Brilliant. Thanks, chaps.


----------



## LesFroggitts (Dec 30, 2013)

I've got a couple of underground parking spaces within walking distance of the cricket ground - wonder what the going rate is for parking 

Suggestions for additional services I might offer would be gratefully received.


----------



## Stevesolar (Dec 21, 2012)

LesFroggitts said:


> I've got a couple of underground parking spaces within walking distance of the cricket ground - wonder what the going rate is for parking
> 
> Suggestions for additional services I might offer would be gratefully received.


Car wash mister?


----------



## LesFroggitts (Dec 30, 2013)

Stevesolar said:


> Car wash mister?


But then I'd end up with wrinkly fingers - the rest of me is wrinkly enough thanks.


----------



## rsinner (Feb 3, 2009)

I haven't ever watched a cricket match in UAE - any idea if it would be a dry affair? Would influence my decision to drive or not.


----------



## LesFroggitts (Dec 30, 2013)

No mention about it being dry or not in the seating areas, however they do mention F&B outlets in their online brochure.

Personally, I would be surprised if they did allow the general seating areas to be 'wet' as it could cause problems (shame though).


----------



## Raziasheikh (Apr 3, 2014)

You can buy IPL Ticket from IPL Official Site.


----------



## ash_ak (Jan 22, 2011)

Cricket matches in dubai in the past have not been dry, so doubt this will be dry, they sell alcohol. Sharjah will be dry fyi.


----------



## LesFroggitts (Dec 30, 2013)

ash_ak said:


> Cricket matches in dubai in the past have not been dry, so doubt this will be dry, they sell alcohol. Sharjah will be dry fyi.

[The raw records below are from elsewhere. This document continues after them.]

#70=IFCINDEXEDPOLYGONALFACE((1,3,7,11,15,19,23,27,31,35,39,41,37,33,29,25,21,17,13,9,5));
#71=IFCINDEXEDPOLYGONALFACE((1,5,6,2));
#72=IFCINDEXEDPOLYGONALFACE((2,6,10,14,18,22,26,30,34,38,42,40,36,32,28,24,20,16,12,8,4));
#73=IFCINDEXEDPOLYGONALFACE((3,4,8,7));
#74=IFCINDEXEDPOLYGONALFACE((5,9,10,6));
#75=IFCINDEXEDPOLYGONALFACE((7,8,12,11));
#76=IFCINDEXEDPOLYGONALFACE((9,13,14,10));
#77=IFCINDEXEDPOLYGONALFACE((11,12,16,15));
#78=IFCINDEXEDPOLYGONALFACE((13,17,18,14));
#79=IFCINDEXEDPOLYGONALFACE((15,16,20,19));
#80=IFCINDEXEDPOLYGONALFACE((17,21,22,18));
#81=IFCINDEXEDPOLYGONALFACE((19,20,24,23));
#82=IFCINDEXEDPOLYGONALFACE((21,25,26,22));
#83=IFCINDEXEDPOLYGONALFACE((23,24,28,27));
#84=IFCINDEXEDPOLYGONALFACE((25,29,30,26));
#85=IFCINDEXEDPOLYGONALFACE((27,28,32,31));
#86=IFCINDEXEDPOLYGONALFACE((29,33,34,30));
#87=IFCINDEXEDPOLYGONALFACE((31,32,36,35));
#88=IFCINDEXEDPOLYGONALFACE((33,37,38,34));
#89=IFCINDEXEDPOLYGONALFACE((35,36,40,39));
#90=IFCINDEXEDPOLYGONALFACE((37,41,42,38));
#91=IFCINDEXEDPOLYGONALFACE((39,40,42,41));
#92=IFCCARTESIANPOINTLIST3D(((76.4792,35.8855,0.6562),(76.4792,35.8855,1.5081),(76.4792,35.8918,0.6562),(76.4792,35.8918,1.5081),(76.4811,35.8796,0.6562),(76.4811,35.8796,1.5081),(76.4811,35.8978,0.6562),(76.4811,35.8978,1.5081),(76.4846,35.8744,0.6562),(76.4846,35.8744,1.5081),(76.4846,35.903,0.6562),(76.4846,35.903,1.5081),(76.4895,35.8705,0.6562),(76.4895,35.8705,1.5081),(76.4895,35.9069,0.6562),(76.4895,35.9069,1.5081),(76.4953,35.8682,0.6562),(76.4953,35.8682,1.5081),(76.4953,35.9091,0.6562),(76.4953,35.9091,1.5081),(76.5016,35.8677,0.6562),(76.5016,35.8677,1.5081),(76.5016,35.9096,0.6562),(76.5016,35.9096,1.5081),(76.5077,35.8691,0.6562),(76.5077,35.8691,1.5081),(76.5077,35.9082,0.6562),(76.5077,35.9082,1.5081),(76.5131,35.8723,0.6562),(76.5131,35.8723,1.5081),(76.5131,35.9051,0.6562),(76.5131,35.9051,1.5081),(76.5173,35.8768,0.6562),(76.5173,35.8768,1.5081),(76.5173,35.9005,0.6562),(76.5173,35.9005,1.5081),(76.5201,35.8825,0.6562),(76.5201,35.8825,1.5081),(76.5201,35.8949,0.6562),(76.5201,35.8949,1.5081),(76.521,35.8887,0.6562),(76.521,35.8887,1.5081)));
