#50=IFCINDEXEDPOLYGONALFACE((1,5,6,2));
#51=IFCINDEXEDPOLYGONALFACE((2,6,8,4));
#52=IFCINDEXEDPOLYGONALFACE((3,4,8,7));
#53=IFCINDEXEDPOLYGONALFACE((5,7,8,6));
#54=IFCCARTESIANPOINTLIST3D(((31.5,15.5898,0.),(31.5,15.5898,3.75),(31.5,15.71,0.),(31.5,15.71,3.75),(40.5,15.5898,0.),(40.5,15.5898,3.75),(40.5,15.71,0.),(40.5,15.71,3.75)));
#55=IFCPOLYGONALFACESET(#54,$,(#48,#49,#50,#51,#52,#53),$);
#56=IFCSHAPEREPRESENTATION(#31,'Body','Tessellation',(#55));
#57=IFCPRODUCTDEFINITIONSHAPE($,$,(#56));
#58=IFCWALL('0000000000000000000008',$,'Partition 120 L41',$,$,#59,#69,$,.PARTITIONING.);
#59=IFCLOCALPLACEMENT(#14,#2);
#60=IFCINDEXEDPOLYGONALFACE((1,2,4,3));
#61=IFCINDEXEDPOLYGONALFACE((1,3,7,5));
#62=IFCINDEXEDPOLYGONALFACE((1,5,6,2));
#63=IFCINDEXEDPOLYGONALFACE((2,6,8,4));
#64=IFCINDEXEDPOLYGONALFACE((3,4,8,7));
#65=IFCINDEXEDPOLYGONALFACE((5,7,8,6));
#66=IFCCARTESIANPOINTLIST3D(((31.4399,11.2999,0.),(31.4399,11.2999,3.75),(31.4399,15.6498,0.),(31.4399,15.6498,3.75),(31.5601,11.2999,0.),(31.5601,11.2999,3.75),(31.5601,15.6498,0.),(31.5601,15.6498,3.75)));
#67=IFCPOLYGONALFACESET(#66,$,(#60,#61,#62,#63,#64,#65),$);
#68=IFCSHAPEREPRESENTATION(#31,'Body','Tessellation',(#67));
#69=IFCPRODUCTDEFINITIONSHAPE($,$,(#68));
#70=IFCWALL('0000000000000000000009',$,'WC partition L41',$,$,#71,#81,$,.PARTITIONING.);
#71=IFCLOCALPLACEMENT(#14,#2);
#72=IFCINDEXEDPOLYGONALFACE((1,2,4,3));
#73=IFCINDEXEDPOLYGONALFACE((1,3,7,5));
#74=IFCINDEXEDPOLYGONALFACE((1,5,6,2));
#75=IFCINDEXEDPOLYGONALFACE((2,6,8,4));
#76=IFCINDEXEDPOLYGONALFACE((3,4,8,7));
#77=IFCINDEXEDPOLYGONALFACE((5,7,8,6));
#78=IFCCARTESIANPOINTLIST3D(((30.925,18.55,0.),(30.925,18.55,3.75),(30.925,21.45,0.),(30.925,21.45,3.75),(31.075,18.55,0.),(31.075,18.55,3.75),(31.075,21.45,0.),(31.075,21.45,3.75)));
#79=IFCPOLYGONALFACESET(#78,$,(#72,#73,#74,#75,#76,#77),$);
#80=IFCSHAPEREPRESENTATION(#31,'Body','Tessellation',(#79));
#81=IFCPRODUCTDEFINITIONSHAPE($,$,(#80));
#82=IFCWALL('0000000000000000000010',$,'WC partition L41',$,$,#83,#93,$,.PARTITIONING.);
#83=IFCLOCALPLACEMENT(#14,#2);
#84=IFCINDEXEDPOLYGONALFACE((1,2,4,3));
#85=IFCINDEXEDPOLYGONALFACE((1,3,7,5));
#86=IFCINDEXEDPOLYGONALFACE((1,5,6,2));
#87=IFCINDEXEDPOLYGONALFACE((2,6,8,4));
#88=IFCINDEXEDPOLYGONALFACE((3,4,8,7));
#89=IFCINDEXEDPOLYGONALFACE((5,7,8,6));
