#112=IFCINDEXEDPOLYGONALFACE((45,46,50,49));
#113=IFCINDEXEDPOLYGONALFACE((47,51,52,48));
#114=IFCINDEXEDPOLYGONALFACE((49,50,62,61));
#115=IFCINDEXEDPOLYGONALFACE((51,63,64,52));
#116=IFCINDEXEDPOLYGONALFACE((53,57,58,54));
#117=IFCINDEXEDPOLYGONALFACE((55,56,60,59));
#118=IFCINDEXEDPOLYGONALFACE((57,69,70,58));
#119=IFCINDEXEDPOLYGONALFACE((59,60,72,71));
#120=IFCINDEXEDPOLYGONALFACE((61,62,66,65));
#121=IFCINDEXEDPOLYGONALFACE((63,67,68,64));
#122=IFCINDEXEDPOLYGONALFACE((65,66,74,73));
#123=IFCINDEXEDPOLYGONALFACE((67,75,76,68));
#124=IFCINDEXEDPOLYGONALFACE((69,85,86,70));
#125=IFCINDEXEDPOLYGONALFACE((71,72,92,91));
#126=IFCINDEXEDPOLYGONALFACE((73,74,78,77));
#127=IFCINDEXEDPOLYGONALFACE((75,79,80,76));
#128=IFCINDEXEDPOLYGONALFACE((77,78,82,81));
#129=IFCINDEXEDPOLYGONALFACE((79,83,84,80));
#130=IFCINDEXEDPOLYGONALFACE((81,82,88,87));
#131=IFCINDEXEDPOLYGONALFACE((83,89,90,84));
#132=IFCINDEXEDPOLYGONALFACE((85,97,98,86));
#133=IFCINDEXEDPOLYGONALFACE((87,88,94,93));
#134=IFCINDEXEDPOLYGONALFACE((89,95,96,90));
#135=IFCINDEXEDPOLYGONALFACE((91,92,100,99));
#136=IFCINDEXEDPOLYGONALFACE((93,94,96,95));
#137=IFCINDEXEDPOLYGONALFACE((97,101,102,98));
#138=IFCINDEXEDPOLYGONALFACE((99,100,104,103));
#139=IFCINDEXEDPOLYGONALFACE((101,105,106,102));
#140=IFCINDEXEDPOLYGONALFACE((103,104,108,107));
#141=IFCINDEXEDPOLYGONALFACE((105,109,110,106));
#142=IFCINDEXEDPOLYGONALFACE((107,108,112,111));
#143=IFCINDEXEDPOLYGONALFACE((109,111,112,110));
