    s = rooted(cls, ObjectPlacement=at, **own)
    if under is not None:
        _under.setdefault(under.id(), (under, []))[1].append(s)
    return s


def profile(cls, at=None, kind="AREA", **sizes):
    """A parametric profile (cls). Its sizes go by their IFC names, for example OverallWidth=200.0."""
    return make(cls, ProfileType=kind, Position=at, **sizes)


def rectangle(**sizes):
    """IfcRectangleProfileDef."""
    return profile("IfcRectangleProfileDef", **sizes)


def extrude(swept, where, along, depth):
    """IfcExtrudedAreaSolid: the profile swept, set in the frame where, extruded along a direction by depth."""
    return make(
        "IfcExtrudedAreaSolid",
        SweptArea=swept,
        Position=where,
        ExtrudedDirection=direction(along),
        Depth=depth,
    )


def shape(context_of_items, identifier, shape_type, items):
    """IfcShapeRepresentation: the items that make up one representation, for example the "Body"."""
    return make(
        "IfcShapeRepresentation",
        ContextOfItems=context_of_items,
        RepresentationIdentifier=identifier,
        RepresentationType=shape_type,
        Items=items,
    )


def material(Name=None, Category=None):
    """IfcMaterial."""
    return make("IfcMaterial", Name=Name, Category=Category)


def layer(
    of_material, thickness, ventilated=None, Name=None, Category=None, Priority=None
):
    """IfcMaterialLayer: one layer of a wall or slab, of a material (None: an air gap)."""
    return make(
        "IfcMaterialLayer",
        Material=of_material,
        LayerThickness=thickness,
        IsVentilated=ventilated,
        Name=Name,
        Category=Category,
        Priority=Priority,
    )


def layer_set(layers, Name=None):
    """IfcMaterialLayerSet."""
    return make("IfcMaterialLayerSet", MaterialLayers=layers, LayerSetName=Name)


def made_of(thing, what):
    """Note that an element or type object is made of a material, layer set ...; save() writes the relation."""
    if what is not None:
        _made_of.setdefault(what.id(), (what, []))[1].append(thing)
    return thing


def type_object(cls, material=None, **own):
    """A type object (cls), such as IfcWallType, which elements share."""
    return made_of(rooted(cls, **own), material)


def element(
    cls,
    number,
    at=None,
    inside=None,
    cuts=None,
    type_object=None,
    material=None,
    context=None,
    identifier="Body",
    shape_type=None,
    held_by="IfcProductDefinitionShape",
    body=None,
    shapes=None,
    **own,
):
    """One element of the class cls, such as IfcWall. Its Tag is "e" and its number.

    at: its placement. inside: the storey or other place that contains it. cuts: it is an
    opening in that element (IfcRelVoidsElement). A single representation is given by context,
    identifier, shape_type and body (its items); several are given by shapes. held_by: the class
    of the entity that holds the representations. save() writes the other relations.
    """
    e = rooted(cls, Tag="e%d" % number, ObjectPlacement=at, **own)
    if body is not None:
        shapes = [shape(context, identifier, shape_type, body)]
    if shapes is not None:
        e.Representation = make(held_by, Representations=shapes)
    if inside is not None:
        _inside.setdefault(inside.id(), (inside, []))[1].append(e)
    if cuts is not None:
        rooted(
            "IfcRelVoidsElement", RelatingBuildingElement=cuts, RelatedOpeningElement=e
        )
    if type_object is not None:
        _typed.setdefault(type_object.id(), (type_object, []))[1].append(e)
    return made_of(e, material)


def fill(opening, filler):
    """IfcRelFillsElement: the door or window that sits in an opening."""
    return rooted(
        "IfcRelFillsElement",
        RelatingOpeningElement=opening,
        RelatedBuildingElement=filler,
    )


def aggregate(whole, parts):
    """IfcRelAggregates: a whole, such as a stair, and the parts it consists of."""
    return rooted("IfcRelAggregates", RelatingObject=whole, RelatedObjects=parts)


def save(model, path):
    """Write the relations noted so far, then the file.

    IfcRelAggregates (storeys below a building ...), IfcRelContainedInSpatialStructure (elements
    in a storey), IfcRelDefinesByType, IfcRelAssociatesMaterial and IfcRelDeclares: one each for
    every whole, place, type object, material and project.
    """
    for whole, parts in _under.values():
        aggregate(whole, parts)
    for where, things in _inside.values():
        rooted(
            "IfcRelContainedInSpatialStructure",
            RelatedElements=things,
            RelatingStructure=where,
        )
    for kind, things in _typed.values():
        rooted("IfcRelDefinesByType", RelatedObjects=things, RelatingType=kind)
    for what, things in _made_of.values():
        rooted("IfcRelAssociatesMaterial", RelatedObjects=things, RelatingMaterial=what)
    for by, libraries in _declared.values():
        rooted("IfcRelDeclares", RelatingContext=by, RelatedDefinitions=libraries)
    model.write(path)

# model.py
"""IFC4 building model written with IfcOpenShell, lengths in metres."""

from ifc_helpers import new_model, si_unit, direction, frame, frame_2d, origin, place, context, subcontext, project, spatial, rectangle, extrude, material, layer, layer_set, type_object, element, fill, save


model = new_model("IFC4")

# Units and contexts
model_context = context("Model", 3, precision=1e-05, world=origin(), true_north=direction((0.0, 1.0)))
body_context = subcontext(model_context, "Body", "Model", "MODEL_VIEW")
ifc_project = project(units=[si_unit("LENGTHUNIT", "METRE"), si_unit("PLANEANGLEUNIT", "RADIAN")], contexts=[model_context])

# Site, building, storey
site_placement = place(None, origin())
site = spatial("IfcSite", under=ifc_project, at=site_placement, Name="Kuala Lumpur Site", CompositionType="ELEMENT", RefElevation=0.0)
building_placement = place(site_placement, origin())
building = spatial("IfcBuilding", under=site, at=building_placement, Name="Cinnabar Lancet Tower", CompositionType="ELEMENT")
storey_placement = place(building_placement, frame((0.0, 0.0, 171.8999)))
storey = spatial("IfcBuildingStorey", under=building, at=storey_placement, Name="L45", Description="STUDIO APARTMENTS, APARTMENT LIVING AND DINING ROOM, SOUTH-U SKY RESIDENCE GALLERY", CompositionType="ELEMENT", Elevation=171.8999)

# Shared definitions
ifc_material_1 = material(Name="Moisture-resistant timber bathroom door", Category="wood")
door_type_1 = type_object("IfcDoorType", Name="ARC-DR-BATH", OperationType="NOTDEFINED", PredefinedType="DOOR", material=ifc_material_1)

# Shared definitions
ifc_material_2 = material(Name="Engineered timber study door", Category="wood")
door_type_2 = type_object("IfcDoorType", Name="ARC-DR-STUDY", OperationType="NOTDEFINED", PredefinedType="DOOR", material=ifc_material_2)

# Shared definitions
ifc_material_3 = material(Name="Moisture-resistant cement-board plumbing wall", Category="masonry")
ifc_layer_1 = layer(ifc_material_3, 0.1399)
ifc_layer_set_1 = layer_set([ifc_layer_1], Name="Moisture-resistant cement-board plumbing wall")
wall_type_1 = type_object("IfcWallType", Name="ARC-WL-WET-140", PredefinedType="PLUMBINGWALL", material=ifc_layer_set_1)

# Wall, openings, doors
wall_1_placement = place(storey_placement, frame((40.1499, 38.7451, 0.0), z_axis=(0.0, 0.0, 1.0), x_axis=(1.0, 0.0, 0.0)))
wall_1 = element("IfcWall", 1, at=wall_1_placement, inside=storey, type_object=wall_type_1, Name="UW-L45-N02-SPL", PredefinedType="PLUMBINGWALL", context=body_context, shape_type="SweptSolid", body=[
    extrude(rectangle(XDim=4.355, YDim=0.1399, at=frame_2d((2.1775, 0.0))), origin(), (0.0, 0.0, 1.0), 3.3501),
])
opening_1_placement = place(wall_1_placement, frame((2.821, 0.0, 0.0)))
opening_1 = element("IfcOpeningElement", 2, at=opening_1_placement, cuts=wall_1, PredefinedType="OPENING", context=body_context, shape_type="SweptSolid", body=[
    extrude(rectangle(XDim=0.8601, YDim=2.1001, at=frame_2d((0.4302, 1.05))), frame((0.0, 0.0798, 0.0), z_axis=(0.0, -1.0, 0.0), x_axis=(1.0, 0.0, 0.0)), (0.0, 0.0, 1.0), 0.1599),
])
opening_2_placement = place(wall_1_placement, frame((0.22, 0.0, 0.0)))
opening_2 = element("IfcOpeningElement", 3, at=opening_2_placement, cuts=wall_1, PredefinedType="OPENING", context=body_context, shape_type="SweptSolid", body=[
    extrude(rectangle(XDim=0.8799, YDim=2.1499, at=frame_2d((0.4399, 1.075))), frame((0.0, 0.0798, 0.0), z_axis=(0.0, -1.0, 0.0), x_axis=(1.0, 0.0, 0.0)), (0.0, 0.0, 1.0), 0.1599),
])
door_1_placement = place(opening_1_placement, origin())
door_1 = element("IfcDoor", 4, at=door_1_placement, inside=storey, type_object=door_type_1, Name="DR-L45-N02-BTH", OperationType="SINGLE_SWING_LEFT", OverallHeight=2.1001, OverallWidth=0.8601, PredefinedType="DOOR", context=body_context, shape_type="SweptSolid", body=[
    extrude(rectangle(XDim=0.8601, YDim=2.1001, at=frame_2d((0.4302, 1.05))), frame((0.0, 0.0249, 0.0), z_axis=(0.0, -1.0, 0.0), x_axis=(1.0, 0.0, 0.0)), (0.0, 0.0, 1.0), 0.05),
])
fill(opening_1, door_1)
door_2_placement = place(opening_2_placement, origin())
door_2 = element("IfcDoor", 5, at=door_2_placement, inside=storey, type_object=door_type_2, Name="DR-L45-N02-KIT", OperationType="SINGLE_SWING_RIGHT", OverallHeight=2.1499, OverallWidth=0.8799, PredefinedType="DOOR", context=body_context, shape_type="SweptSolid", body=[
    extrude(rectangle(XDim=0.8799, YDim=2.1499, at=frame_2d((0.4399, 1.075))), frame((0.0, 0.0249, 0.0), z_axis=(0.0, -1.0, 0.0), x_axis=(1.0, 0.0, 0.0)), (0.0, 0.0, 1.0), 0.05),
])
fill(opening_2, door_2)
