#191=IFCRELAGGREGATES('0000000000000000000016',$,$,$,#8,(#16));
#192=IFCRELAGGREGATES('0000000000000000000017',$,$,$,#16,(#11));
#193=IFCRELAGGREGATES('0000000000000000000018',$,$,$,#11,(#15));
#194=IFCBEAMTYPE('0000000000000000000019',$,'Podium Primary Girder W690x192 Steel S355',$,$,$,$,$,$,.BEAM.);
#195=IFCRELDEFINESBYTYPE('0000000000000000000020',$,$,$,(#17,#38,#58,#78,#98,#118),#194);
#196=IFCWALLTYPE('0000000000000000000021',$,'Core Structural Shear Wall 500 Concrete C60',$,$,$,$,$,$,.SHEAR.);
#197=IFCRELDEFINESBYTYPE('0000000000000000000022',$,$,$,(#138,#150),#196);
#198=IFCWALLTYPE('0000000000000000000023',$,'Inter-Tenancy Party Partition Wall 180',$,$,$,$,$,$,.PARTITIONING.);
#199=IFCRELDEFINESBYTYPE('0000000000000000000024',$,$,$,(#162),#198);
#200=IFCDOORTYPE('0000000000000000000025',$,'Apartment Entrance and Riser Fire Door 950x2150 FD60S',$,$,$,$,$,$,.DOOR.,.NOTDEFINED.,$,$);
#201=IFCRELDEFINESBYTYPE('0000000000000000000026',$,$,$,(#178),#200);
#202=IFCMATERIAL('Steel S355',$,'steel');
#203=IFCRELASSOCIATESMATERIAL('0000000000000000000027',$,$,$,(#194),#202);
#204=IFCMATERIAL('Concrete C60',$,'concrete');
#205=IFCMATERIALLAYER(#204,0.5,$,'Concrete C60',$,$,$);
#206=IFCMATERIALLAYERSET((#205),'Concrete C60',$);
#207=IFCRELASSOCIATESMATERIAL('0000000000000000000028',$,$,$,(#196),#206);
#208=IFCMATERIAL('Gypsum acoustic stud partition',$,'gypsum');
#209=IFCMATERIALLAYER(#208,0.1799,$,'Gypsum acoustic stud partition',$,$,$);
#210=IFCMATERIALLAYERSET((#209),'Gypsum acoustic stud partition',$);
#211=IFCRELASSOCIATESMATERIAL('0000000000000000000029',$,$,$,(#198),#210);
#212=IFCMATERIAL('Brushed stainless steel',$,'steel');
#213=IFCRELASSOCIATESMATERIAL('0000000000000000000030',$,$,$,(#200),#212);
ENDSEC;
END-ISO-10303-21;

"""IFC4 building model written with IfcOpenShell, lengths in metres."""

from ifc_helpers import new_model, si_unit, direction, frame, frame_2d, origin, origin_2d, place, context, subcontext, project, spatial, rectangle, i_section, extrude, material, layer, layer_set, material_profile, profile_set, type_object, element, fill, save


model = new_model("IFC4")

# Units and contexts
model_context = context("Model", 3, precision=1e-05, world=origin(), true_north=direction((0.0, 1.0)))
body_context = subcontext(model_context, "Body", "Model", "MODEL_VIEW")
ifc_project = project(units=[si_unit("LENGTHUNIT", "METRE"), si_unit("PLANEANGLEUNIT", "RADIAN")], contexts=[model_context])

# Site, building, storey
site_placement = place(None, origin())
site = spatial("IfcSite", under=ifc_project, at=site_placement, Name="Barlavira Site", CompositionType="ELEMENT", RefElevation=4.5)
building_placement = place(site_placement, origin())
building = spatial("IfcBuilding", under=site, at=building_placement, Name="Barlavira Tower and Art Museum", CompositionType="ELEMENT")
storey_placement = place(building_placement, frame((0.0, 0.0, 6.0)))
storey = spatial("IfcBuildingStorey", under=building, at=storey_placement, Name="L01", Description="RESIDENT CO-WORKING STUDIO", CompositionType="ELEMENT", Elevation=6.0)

It just gets better and better... :clap2::clap2::clap2:


----------



## xxxxxxxxxxxxxxxxxStewartC (Mar 3, 2012)

Book a taxi, Les.


----------



## rsinner (Feb 3, 2009)

ash_ak said:


> Cricket matches in dubai in the past have not been dry, so doubt this will be dry, they sell alcohol. Sharjah will be dry fyi.


Any idea about AD? Anyways, not a major issue but adds to the fun.


----------



## xxxxxxxxxxxxxxxxxStewartC (Mar 3, 2012)

Either ALL of the premium seats for the first Dubai double-header have sold out in a few hours or the website isn't working proprerly. Who would have thought it?


----------



## rsinner (Feb 3, 2009)

Sold out it seems - called up Ticketmaster. Or maybe there were very few seats to begin with, the rest going to sponsors etc. 
Cheaper seats are available though (in AD).
Apparently cricket is popular in UAE  (though this strictly not really cricket)


----------



## xxxxxxxxxxxxxxxxxStewartC (Mar 3, 2012)

There's hardly ever anything worthwile to do or see here, and when there is the organisers screw it up. Couldn't get through on the phone and no replies to the helpline email. You just know those nice seats will be empty on the day too. I'll just have to give it a miss. Still, only five more years to go here.


----------



## plckid (Jul 25, 2013)

Stevesolar said:


> Hi,
> Apparently they will be available from Lulu stores - although I don't know which ones.
> Favourites would be the big one in Karama and the big one behind Pan Emirates in Al Barsha.
> Also will be available from Dubai cricket stadium box office.
> ...



Went to Lulu Quasis near Stadium Metro Station. Tickets will be sold from 6th there.


----------



## mountebank (Mar 17, 2014)

Anyone going to the opener tomorrow? I need to get from Dubai to AD somehow, I have no car


----------



## plckid (Jul 25, 2013)

mountebank said:


> Anyone going to the opener tomorrow? I need to get from Dubai to AD somehow, I have no car


Dubizzle Dubai | Car Lift: IPL TRANSPORTATION

Dubizzle Dubai | Car Lift: IPL Cricket Car Lift

Dubizzle Dubai | Sports: TRANSPORTATION FOR IPL MATCHES


----------



## mountebank (Mar 17, 2014)

Nice one, thank you


----------